Big move today to Everest Base Camp (EBC). This took us about 5 hours and gained 1,800 vertical feet. This was the toughest day so far, even though the amount of gain was typical, because the ending point was higher than we’d camped before. I felt it today for sure.






The trek took us away from Lobuche and up the Khumbu valley, which is remarkably scenic and impressive. We stopped briefly for a break a Lobuche town, then at Gorak Shep, before pulling into EBC itself. Both of these towns consist of a few tea houses, a helipad, and LOTS of yak dung. The streets are basically open sewers, for the waste of both human and beast, and you truly do walk through feces to get anywhere. More disturbing was watching the water intake pump at Lobuche town in a feculent stream get clogged with yak dung as it screeched while trying to pump “water” up to the tea house. Thank goodness for boiled water and UV steri-pens. To date, our GI issues have been very modest, a testament to our meticulous habits while moving though these places. On the other hand, Gorak had some 3G internet, just a little, so it was not all bad.


















EBC sits on a glacial moraine, meaning blue ice covered in loose stones ranging in size from pebbles to the size of houses. It shifts and moves slowly on its way downhill, so the camp has to be rebuilt by hand each year. The sherpa teams that do this work are remarkable. I am amazed by their strength, determination, and organizational skills. It is not exactly an engineering marvel, but something close to that. Our tents sit on platforms that have been chiseled and carved out of the icy rock, and trails join the community together… personal (small) tents, cook tents, gear tents, communications tents, dining tents, toilet tents, shower tents (yes, hot showers on demand!), and the entertainment tent (an army surplus tent where we can recharge batteries and project movies on the wall). At night, some paths are lit by solar rechargeable garden lights. It is bitterly cold at night, but there is a decidedly cheerful air to this place.

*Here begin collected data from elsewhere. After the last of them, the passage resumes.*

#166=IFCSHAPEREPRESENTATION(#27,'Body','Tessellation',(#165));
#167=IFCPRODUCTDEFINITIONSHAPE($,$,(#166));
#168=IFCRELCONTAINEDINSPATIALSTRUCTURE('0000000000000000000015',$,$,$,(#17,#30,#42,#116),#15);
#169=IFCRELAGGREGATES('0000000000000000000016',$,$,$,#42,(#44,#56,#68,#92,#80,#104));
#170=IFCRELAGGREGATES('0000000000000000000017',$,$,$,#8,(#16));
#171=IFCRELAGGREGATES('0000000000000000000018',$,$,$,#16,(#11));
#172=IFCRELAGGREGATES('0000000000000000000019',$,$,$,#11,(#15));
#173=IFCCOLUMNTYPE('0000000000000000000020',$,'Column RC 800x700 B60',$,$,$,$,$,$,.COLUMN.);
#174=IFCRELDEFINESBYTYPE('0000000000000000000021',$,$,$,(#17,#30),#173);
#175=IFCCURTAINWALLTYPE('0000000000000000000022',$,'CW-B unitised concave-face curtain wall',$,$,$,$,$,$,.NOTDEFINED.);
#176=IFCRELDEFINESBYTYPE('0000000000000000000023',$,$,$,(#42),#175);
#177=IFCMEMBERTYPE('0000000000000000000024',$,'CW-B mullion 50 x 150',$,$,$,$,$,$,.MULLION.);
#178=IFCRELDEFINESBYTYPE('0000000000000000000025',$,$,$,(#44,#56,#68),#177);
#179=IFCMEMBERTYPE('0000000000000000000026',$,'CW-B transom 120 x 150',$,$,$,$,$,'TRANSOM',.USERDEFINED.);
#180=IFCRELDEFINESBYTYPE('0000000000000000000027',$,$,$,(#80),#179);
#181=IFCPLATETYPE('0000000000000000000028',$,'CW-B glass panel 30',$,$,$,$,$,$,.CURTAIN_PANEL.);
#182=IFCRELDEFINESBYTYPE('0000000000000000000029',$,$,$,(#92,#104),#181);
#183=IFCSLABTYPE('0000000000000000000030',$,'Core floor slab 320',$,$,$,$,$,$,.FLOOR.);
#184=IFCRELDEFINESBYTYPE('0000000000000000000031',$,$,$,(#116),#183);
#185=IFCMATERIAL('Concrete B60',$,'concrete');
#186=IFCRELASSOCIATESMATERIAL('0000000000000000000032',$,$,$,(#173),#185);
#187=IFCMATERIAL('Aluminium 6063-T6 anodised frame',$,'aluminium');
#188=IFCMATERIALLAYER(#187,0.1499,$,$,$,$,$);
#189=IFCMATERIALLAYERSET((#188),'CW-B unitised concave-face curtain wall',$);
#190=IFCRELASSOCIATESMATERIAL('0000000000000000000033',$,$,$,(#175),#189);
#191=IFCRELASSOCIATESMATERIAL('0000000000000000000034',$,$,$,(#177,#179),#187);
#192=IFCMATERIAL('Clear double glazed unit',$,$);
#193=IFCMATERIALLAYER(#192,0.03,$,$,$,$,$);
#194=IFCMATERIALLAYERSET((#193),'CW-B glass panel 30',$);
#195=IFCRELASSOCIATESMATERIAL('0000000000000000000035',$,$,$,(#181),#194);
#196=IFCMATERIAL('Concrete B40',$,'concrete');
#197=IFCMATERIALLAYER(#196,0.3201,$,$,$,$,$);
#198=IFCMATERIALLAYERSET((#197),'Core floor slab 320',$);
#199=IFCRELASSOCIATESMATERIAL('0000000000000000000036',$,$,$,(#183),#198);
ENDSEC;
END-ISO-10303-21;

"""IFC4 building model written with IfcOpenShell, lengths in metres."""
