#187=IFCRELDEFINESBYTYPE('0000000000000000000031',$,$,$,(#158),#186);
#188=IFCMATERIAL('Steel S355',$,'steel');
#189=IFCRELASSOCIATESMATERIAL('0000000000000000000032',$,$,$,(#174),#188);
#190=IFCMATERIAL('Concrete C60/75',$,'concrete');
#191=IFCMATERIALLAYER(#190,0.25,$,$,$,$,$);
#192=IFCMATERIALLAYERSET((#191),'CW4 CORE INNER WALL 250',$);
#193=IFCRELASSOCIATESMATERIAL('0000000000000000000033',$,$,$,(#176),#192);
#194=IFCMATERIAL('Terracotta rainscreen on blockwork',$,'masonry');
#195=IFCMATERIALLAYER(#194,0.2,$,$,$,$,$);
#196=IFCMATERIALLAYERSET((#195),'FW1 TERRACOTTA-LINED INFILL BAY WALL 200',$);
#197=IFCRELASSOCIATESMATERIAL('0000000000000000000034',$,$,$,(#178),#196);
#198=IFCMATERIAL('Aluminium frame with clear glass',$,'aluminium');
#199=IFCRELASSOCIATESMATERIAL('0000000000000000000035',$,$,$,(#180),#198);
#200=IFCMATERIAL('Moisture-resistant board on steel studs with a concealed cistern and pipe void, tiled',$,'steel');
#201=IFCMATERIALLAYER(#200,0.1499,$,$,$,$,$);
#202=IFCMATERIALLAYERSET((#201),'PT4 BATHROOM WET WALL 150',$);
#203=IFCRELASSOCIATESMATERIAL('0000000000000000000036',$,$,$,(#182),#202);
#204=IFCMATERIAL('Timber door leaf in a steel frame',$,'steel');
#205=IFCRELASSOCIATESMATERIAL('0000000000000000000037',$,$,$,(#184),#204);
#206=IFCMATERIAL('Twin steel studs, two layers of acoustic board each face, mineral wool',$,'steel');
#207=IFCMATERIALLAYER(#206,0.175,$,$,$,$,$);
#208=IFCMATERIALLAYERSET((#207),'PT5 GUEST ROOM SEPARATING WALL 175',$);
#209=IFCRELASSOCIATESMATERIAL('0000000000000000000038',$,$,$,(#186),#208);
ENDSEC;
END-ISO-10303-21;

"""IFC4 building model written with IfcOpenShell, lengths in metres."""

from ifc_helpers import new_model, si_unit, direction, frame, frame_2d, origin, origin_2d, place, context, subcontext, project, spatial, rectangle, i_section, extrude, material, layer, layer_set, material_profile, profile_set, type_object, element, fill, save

For instance, our dining tent is adorned with plastic flowers, stylish chair covers, and astroturf carpeting.



This is important, because Mt Everest sits right outside our doorstep. It is enormous, imposing, savagely beautiful. Behind us, Pumori stands like a stone sentinel. Then a full, impenetrable cirque ends in the West Buttress of Everest, which terminates in the Kumbu icefall, then Nuptse immediately across from our camp. I have studied their photos for years, but reality is much more impressive.
This will be fun!
Does EBC have any overall organization, i.e., is there any kind of “governance” to resolve issues and conflicts that may arise, or do people simply work stuff out on their own? For instance, is there ever any conflict over who gets which tent locations or does that all simply fall into place somehow, first come first served or whatever? Hate to raise such mundane “human” concerns but I’m just wondering if it all functions smoothly or not?